After Kingsnorth and Stanstead the debate about what the most effective way to galvanise public action is taking shape – although it’s not a very pretty shape. Very typically, Brendan O’Neill of Spiked picked furiously at this scab last week by accusing the airport protestors of  “class hatred”.

These posh activisits, descended from baronets, lords, inventors and
aristocrats, are keeping up a long tradition in which ‘mass
tourism’ has attracted the ‘class-contempt of killjoys who conceived
themselves superior by reason of intellect, education, curiosity and
spirit’. What we saw at Stansted yesterday was not remotely
radical or edgy – it was unabashed, undiluted, unattractive class

Class war! Suddenly it’s not just the economy which is making us feel like we’re back in the 1930s. Rising to the bait a little too eagerly, George Monbiot ripped into O’Neill yesterday in a column This is indeed a class war in The Guardian, possibly giving O’Neill precisely the kind of response he was after:

At the core of the campaign against a third Heathrow runway are the
blue-collar workers and working-class mums of the village of Sipson,
whose homes are due to be flattened so that the rich can fly more. If
wealthy people don’t like living under a flight path, they can move;
the poor just have to lump it. Through climate breakdown, the richest
people on earth trash the lives of the poorest.

Yes, this is a
class war; and Brendan O’Neill and his fellow travellers have sided
with the toffs. These Marxist proletarian firebrands are defending the
class they profess to hate. Bosses of the world unite, you have nothing
to lose but your planes.

So there you have, both eco-campaigner and eco-cynic eagerly rolling up sleeves and claiming to be on the side of the proletariat.

It would be a little too pat to say that both could probably take a tip from Chico Mendes, who really did have the workers on his side.

Photo: Elenira Mendes talking at the Chico Mendes Legacy last night.

Go to RSA Arts & Ecology Blog

Elenira Mendes: it’s not just about trees

Tonight we’re hosting the Chico Mendes Legacy discussion at the RSA. Before he was murdered, Chico told Elenira that if he were killed, she was to take on his work. Which is quite a burden to carry, because as a girl, she witnessed her father’s death at the hands of thugs hired by local landowners. But she did go on to found the Instituto Chico Mendes to keep her father’s ideas alive, and she’ll be here tonight to talk about her father’s legacy.

I interviewed her last week for the main RSA Arts & Ecology website. The great thing about Chico Mendes’ work is that it wasn’t principally about saving the rainforest at all. It was about creating a decent existence for the forest dwellers of the Amazon, the rubber tappers like Mendes and his family, who were being pushed off their land by agribusiness, and murdered if they objected.  It was about people. Mendes was visionary enough to know that preserving the rainforest was crucial to preserve the local economy. 

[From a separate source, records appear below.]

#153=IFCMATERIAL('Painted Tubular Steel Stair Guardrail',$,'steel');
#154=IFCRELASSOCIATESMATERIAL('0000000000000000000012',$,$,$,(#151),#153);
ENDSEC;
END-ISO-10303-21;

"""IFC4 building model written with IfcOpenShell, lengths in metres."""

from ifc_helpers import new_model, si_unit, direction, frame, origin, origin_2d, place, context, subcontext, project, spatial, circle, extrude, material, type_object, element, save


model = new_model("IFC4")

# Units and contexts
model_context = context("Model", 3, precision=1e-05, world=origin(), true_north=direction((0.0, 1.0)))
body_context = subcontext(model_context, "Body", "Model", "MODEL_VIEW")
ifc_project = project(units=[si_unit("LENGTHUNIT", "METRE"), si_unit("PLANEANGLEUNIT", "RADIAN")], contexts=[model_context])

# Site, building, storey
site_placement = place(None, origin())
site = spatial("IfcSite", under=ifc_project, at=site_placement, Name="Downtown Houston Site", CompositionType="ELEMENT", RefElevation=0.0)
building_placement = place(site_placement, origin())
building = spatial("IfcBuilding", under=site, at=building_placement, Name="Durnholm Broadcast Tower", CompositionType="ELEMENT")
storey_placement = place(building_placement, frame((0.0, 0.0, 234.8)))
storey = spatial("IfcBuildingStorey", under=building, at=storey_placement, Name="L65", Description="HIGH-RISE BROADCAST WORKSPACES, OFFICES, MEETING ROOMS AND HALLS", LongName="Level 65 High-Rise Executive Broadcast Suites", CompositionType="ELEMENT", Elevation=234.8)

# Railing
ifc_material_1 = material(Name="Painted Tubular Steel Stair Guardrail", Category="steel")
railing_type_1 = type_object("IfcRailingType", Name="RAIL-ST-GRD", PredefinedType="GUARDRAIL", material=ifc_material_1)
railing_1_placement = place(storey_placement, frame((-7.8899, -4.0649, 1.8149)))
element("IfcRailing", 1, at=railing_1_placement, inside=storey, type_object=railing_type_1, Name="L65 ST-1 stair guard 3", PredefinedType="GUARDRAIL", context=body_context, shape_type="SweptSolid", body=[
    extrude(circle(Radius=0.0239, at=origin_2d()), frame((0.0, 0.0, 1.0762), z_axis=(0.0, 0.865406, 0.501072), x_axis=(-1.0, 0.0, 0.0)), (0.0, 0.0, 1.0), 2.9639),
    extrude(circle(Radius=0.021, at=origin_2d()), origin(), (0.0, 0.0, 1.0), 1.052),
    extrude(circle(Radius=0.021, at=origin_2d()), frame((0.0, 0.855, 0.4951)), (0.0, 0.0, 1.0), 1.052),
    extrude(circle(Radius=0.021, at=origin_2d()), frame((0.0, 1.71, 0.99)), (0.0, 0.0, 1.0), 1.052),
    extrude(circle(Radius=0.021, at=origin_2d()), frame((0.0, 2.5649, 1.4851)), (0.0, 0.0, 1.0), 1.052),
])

One of the reasons why most people don’t give two hoots about environmentalism is that a lot of people in the environmental movment don’t get this. They see people as the problem, not the solution. It’s one of the reasons why so little environmentalism has much traction. Yet.

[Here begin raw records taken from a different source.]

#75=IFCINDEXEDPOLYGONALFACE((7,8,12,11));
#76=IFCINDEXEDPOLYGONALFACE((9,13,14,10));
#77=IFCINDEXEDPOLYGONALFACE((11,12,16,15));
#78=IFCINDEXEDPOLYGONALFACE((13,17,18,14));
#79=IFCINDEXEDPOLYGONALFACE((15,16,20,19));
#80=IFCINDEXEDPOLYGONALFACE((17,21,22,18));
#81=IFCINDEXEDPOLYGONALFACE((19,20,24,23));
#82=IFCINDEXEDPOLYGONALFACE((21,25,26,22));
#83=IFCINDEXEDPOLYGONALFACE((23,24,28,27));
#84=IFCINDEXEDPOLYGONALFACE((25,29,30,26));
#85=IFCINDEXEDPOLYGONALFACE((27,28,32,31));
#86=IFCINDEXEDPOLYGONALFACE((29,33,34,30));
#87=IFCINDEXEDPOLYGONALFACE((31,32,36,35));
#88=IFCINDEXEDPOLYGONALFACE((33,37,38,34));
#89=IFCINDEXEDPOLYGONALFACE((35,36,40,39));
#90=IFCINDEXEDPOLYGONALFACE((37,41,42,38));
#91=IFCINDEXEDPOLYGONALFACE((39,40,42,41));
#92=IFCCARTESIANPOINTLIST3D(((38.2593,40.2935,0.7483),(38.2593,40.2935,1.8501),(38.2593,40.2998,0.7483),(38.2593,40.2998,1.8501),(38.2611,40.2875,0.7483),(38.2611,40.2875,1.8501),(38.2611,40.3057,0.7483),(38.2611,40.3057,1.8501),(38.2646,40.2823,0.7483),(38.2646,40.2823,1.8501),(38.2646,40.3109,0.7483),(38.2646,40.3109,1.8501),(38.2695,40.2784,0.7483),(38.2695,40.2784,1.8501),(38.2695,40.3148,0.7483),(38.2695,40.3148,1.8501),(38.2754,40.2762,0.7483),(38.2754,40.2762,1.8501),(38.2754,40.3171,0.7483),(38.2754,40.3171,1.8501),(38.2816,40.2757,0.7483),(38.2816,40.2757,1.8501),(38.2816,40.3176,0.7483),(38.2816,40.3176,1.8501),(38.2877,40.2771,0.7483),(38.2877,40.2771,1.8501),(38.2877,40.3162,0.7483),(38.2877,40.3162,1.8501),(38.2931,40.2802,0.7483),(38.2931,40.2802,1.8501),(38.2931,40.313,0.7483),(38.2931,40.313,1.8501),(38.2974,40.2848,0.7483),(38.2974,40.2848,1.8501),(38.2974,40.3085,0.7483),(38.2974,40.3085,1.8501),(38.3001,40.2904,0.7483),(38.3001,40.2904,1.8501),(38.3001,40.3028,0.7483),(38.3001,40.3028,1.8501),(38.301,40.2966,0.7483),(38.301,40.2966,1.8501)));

Elenira Mendes made a point along these lines.

 Unfortunately not
all who defend the environment today are focussed on these populations
[the forest dwellers].
There is much talk about saving the forest, but people forget that
there is human life in it. There are communities and human populations
living in the forest that need support, need better living conditions.
Environmental organizations need to remember it is not a big only a big
forest with many trees and animals. It is populated. It has traditional
populations, such as indigenous people, those who live and work on the
river banks, and the rubber tappers and small producers that need
support, incentives and investment. If we create the conditions for
these populations to continue in there areas, automatically, the forest
will be preserved. 

Read more here.

(For that matter, enviroment doesn’t just mean the rainforest either.)